The brown marmorated stink bug (BMSB) is a shield-shaped, mottled-brown insect that has become one of Ontario’s newest fall nuisances. Native to Asia and invasive in North America since the mid-1990s, it’s now established across parts of southern Ontario. Homeowners meet it in autumn, when adults cluster on warm, sunny walls and push indoors to overwinter in wall voids, attics, and behind siding — then reappear in spring trying to get back out. It earns its name honestly: crush one and it releases a pungent, cilantro-like odour that lingers. Indoors it’s harmless — it doesn’t bite, breed, or damage the house — but its habit of invading in numbers, and the smell it defends itself with, make it a pest worth sealing out before the fall arrival.

Identification

An adult brown marmorated stink bug is 14–17 mm long and about 8 mm wide, with the classic shield-shaped body of a true bug and a marbled (“marmorated”) brown coloration. The diagnostic features are two white bands on each antenna and alternating light-and-dark triangular markings along the edge of the abdomen, which extend just past the folded wings. The legs are also faintly banded. It’s a slow, clumsy flier with a buzzing flight.

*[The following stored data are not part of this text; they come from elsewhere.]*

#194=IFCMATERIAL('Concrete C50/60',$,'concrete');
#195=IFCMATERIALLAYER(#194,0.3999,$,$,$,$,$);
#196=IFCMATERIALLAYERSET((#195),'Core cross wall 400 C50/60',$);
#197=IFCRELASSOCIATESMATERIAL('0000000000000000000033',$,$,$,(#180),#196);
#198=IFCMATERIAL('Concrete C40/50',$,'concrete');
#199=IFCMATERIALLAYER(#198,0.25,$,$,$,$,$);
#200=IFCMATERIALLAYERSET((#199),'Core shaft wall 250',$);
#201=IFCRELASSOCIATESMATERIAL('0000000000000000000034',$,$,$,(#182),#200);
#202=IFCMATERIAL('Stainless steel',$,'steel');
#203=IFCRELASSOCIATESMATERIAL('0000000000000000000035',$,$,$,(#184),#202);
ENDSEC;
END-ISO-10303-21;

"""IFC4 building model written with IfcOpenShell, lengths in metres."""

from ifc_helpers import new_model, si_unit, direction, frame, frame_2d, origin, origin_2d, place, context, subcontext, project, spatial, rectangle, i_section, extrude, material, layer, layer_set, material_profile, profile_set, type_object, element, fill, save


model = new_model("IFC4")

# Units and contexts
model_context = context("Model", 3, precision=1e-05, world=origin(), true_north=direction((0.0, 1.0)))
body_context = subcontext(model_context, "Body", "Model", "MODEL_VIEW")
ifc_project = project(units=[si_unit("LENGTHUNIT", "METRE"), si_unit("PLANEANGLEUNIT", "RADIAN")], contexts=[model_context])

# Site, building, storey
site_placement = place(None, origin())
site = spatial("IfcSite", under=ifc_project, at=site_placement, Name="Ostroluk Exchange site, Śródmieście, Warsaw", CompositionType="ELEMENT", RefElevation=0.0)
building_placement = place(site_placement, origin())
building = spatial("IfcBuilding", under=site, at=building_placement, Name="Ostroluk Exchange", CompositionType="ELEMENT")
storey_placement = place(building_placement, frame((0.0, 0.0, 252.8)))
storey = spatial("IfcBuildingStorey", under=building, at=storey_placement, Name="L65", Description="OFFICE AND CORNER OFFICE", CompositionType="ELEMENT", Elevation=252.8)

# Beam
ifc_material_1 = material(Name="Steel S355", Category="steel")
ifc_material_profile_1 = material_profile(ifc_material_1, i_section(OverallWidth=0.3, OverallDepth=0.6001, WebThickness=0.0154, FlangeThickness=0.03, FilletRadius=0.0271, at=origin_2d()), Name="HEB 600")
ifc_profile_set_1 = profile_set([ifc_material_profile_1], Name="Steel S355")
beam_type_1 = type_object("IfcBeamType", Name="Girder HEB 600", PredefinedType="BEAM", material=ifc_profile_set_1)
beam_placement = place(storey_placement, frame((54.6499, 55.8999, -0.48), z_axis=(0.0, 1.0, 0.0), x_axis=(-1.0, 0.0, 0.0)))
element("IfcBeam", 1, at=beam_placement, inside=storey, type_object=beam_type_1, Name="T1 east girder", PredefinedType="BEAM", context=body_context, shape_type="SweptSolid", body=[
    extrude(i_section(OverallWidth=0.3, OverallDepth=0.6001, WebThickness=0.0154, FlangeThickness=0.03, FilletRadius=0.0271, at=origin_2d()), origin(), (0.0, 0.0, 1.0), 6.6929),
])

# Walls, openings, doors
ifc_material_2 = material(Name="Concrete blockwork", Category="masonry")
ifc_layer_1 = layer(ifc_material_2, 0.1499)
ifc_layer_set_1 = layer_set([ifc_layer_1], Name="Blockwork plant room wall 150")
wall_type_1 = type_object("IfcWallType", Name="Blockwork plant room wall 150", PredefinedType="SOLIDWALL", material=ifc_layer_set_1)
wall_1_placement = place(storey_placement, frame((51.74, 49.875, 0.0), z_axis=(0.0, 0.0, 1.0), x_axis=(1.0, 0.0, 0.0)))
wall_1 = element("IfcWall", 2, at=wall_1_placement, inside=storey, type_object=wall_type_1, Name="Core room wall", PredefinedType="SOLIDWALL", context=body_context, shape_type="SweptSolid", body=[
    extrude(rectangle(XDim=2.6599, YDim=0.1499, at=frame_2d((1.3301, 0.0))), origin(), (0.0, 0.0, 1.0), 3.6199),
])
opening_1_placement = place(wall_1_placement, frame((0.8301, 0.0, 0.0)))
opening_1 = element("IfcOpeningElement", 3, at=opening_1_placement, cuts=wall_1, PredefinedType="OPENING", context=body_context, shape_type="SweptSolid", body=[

FeatureBrown Marmorated Stink BugBoxelder Bug
Body shapeShield-shapedFlat, elongated oval
ColourMottled, marbled brownBlack with 3 red-orange stripes
AntennaeTwo white bandsPlain, dark
Size14–17 mm~12 mm
Odour when crushedStrong, cilantro-likePungent, musty

The most common Ontario confusion is with the boxelder bug, which shares the fall-invasion habit but is unmistakably black-and-red rather than marbled brown. The shield shape, marbled colour, and banded antennae confirm BMSB.

Life Cycle

Brown marmorated stink bugs produce one generation per year in Ontario’s climate, sometimes two in warmer areas. Adults overwinter in sheltered sites — including inside homes — and emerge in spring to feed and mate. Females lay clusters of light-coloured, barrel-shaped eggs on the undersides of leaves through summer. Nymphs hatch and develop through five instars, changing colour and pattern as they mature, feeding on plants throughout. By late summer the new generation reaches adulthood, and as fall arrives those adults seek overwintering shelter — which is when they invade homes. They do not reproduce inside; the indoor stink bugs you see in fall and spring are overwintering adults, not a breeding population.

Habitat & Behaviour

Through the growing season, BMSB lives outdoors on host plants — feeding on fruit trees, vegetables, ornamentals, and weeds. As days shorten and temperatures fall, adults switch to shelter-seeking behaviour, aggregating on the warm, sun-exposed south and west faces of buildings on mild autumn afternoons. From there they exploit gaps to enter wall voids, attics, soffits, and behind siding, where they cluster and go dormant for winter. On warm winter days, or in spring, the warmth of a heated home can rouse them, and they blunder toward windows and lights trying to get outside. They’re slow-moving and clumsy indoors, and they don’t feed, breed, or bite while overwintering.

Diet

Brown marmorated stink bugs are plant feeders with piercing-sucking mouthparts, and this is where their real economic impact lies. They feed on an exceptionally broad range of hosts — apples, peaches, pears, grapes, tomatoes, peppers, beans, corn, and many ornamentals — piercing fruit, seedpods, buds, leaves, and stems to suck plant juices. This causes dimpling, scarring, and rot that makes BMSB a serious agricultural pest across its range, though crop infestations haven’t yet been detected in Ontario. Indoors, they eat nothing at all: overwintering adults are dormant and don’t feed, which is why they cause no household damage and can’t sustain a population inside.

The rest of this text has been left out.